The therapeutic efficacy of epidermal growth factor receptor tyrosine kinase inhibitors (EGFR-TKIs) in advanced EGFR-mutant lung squamous cell carcinoma (SCC) patients remains uncertain. Furthermore, the factors underlying the responsiveness have not been fully investigated. We therefore investigated the link between genomic profiles and EGFR-TKI efficacy.

Methods

We consecutively enrolled stage IV, EGFR-mutant-, and EGFR-TKI-treated patients with SCC. Patients with EGFR wild-type lung SCC and EGFR-mutant lung adenocarcinoma were consecutively enrolled as controls, and next-generation sequencing (NGS) was performed.

Results

In total, 28 EGFR-mutant lung SCC, 41 EGFR-mutant lung adenocarcinoma, and 40 EGFR wild-type lung SCC patients were included. Among the patients with EGFR mutations, shorter progression-free survival (PFS) was observed in SCC compared to adenocarcinoma (4.6 vs. 11.0 months, P<0.001). Comparison of the genomic profiles revealed that EGFR-mutant SCC patients had similar mutation characteristics to EGFR-mutant adenocarcinoma patients, but differed from those with EGFR wild-type SCC. Further exploration of EGFR-mutant SCC revealed that mutations in CREBBP (P=0.005), ZNF217 (P=0.016), and the Wnt (P=0.027) pathway were negatively associated with PFS. Mutations in GRM8 (P=0.025) were associated with improved PFS.

Conclusions

EGFR-mutant lung SCC has a worse prognosis than EGFR-mutant adenocarcinoma. Mutations in other genes, such as CREBBP, ZNF217, GRM8 or Wnt that had implications on PFS raise the possibility of understanding mechanisms of resistance to EGFR-TKI in lung SCC, which will aid identification of potential beneficial subgroups of patients with EGFR-mutant SCCs receiving EGFR-TKIs.

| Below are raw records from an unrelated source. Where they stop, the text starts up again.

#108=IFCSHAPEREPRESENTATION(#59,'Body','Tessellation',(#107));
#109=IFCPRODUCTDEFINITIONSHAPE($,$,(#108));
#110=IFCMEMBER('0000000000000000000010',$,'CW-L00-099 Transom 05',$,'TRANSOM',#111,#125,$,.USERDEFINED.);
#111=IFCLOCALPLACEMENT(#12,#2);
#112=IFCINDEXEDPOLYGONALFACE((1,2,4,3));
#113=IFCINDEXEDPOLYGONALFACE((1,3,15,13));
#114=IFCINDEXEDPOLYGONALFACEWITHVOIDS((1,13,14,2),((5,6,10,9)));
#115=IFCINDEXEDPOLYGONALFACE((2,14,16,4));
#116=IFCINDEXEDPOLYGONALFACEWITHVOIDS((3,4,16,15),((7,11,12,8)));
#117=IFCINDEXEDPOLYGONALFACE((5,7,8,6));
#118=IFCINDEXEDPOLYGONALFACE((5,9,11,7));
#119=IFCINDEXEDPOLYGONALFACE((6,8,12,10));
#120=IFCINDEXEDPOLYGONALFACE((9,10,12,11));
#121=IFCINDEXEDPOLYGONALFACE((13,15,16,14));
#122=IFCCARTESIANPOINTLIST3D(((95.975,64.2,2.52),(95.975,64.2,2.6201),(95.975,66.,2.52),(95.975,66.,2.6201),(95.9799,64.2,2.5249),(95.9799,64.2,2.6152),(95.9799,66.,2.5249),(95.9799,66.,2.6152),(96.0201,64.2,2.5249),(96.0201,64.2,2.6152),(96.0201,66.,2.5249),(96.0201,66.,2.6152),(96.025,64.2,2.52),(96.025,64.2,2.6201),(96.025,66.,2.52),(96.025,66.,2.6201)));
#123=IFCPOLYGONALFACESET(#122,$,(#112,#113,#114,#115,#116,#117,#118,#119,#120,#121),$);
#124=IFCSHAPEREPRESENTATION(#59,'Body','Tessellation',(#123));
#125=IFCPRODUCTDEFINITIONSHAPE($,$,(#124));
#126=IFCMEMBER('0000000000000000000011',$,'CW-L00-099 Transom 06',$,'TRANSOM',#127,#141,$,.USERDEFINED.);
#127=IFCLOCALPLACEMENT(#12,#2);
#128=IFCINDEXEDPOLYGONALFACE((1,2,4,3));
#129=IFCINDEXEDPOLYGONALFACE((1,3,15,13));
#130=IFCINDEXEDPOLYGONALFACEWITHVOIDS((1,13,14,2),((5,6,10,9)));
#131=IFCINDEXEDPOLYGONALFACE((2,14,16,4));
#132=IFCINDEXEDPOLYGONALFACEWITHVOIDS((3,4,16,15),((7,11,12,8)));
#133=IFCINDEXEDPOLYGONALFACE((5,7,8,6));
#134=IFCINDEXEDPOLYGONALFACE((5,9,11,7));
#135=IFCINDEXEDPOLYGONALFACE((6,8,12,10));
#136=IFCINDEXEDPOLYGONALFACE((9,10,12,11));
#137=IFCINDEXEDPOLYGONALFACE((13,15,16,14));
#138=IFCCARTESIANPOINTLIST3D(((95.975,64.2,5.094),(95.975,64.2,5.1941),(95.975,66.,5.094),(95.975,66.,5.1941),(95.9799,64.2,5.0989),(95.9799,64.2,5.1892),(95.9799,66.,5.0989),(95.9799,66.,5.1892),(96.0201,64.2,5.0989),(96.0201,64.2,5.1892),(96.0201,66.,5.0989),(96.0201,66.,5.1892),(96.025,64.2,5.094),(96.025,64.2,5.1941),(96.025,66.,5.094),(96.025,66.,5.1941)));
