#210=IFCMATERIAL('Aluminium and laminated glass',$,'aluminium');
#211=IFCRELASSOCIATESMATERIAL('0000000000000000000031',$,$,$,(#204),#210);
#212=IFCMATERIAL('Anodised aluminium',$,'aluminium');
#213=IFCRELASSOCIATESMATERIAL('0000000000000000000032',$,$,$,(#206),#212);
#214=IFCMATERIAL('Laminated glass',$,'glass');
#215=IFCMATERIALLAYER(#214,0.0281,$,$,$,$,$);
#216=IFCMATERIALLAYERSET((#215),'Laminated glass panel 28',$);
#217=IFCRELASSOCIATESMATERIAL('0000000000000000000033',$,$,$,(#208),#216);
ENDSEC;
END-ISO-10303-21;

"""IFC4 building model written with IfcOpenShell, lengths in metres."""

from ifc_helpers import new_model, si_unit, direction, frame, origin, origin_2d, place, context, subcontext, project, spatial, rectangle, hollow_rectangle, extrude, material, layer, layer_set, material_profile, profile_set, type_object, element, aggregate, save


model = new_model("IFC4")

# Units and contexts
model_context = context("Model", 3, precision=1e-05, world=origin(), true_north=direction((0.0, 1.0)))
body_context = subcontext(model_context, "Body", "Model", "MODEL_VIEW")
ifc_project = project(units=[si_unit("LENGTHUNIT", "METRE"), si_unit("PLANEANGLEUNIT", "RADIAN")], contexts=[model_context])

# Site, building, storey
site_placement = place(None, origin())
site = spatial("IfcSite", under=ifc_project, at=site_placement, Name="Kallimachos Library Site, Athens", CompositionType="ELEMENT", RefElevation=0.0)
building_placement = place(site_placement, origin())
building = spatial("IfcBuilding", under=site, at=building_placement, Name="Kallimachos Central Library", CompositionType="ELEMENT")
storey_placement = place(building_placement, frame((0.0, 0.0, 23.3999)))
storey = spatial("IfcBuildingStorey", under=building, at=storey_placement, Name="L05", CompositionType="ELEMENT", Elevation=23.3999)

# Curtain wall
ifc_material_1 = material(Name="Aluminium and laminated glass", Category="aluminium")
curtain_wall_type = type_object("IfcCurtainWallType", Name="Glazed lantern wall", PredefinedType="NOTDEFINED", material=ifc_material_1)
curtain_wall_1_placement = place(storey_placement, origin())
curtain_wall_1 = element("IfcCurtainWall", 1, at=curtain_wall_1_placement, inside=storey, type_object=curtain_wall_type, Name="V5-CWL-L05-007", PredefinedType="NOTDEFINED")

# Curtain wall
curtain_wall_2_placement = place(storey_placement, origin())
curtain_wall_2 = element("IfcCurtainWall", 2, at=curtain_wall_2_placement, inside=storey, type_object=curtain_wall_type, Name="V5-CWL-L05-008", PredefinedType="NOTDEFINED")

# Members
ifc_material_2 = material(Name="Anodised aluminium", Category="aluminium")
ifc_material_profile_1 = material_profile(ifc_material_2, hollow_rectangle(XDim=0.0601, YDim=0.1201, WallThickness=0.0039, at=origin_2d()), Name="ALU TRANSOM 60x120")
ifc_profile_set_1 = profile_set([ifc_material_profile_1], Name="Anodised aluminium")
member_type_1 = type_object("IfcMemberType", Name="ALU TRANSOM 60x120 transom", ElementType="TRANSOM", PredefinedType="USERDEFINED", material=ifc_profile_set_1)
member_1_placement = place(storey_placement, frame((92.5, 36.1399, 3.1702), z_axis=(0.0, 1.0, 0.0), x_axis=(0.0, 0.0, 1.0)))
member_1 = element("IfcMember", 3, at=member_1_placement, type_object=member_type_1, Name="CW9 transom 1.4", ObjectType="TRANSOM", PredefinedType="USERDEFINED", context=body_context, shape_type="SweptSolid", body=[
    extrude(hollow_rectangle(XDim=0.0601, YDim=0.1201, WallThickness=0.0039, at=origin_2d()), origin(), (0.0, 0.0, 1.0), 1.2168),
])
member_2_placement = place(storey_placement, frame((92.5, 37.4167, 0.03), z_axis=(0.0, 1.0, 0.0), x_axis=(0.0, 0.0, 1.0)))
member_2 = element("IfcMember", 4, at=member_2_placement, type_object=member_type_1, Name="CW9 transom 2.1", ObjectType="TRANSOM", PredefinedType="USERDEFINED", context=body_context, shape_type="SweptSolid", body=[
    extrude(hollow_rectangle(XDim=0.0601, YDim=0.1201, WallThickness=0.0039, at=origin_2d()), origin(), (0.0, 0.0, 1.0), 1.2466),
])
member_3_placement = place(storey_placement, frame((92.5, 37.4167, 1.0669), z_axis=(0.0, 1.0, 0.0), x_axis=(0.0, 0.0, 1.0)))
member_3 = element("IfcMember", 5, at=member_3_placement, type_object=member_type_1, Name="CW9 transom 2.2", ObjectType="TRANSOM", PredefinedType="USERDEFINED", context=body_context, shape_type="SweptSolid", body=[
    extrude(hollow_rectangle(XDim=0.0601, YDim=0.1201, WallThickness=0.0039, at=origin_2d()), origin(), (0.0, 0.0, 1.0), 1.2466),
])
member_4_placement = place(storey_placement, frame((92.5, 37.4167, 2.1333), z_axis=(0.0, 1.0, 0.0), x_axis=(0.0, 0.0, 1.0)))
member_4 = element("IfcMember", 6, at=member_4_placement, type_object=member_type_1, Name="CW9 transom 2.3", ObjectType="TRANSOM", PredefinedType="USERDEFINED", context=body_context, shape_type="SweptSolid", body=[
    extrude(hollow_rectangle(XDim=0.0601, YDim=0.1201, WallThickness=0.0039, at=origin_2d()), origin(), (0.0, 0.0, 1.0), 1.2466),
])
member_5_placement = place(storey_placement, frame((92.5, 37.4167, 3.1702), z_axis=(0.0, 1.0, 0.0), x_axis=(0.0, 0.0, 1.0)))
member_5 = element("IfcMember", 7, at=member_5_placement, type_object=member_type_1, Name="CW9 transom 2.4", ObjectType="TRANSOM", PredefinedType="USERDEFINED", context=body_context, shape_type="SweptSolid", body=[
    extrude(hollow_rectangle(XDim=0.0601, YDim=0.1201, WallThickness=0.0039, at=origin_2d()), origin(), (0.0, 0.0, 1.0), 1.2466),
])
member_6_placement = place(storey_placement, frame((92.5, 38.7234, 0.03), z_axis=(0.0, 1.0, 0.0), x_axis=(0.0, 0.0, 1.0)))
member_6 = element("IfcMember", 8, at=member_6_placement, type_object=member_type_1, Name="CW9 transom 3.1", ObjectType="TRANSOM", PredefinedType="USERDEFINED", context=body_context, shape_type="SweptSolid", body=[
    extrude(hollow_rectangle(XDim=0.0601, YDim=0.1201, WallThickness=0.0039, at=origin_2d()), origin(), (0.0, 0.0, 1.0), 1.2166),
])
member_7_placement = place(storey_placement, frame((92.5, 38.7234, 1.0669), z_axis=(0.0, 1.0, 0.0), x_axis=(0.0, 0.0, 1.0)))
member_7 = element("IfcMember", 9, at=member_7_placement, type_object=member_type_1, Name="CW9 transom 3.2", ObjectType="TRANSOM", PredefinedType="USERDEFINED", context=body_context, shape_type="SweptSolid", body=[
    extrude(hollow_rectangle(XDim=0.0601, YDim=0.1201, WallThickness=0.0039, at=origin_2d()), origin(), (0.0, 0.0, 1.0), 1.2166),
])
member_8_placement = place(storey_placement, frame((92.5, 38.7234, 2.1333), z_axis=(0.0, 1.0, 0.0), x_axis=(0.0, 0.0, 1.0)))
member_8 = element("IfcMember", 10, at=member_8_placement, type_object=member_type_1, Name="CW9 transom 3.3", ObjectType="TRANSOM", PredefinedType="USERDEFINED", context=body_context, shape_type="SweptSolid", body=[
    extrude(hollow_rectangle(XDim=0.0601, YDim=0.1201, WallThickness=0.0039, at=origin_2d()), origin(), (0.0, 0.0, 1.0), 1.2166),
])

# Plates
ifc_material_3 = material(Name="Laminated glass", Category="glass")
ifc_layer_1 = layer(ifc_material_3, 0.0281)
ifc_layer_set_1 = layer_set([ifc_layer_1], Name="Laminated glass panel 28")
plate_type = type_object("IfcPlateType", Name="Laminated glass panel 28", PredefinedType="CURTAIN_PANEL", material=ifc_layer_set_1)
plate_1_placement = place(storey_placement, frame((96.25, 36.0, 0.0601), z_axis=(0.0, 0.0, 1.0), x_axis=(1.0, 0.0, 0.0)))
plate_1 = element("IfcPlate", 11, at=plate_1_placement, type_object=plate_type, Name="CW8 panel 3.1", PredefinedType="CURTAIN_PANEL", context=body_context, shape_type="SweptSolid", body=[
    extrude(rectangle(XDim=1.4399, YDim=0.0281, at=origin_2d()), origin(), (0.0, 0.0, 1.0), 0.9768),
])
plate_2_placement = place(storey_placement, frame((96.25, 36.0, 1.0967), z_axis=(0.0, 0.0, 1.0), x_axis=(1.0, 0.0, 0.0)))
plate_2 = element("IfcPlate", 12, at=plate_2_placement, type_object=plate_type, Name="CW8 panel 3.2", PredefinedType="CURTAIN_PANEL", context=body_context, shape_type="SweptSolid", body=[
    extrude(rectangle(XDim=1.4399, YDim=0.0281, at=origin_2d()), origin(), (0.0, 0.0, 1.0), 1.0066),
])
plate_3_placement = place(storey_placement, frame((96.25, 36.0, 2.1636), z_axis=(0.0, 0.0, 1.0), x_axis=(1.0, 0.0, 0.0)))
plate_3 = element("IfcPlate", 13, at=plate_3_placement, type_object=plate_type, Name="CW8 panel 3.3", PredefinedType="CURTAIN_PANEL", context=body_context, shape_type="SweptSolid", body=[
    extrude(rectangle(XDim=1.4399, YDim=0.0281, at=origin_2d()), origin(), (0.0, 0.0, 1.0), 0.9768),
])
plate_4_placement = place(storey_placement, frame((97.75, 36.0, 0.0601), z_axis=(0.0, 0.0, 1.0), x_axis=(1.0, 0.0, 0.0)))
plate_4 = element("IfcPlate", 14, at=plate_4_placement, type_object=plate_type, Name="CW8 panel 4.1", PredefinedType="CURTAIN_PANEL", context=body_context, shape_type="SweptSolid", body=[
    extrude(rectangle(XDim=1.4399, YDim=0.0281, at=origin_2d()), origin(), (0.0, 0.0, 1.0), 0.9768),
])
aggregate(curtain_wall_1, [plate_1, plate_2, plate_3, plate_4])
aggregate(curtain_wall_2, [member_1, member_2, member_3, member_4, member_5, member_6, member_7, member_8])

Clinical trial identification

Editorial acknowledgement

Legal entity responsible for the study

The authors.

Funding

Zhejiang Provincial Natural Science Foundation [LY20H010004]; National Natural Science Foundation of China [81870022].

Disclosure

M. Wu, X. Wu, J. Yan, Y. Shao: Financial Interests, Institutional, Full or part-time Employment: Geneseeq Technology Inc. All other authors have declared no conflicts of interest.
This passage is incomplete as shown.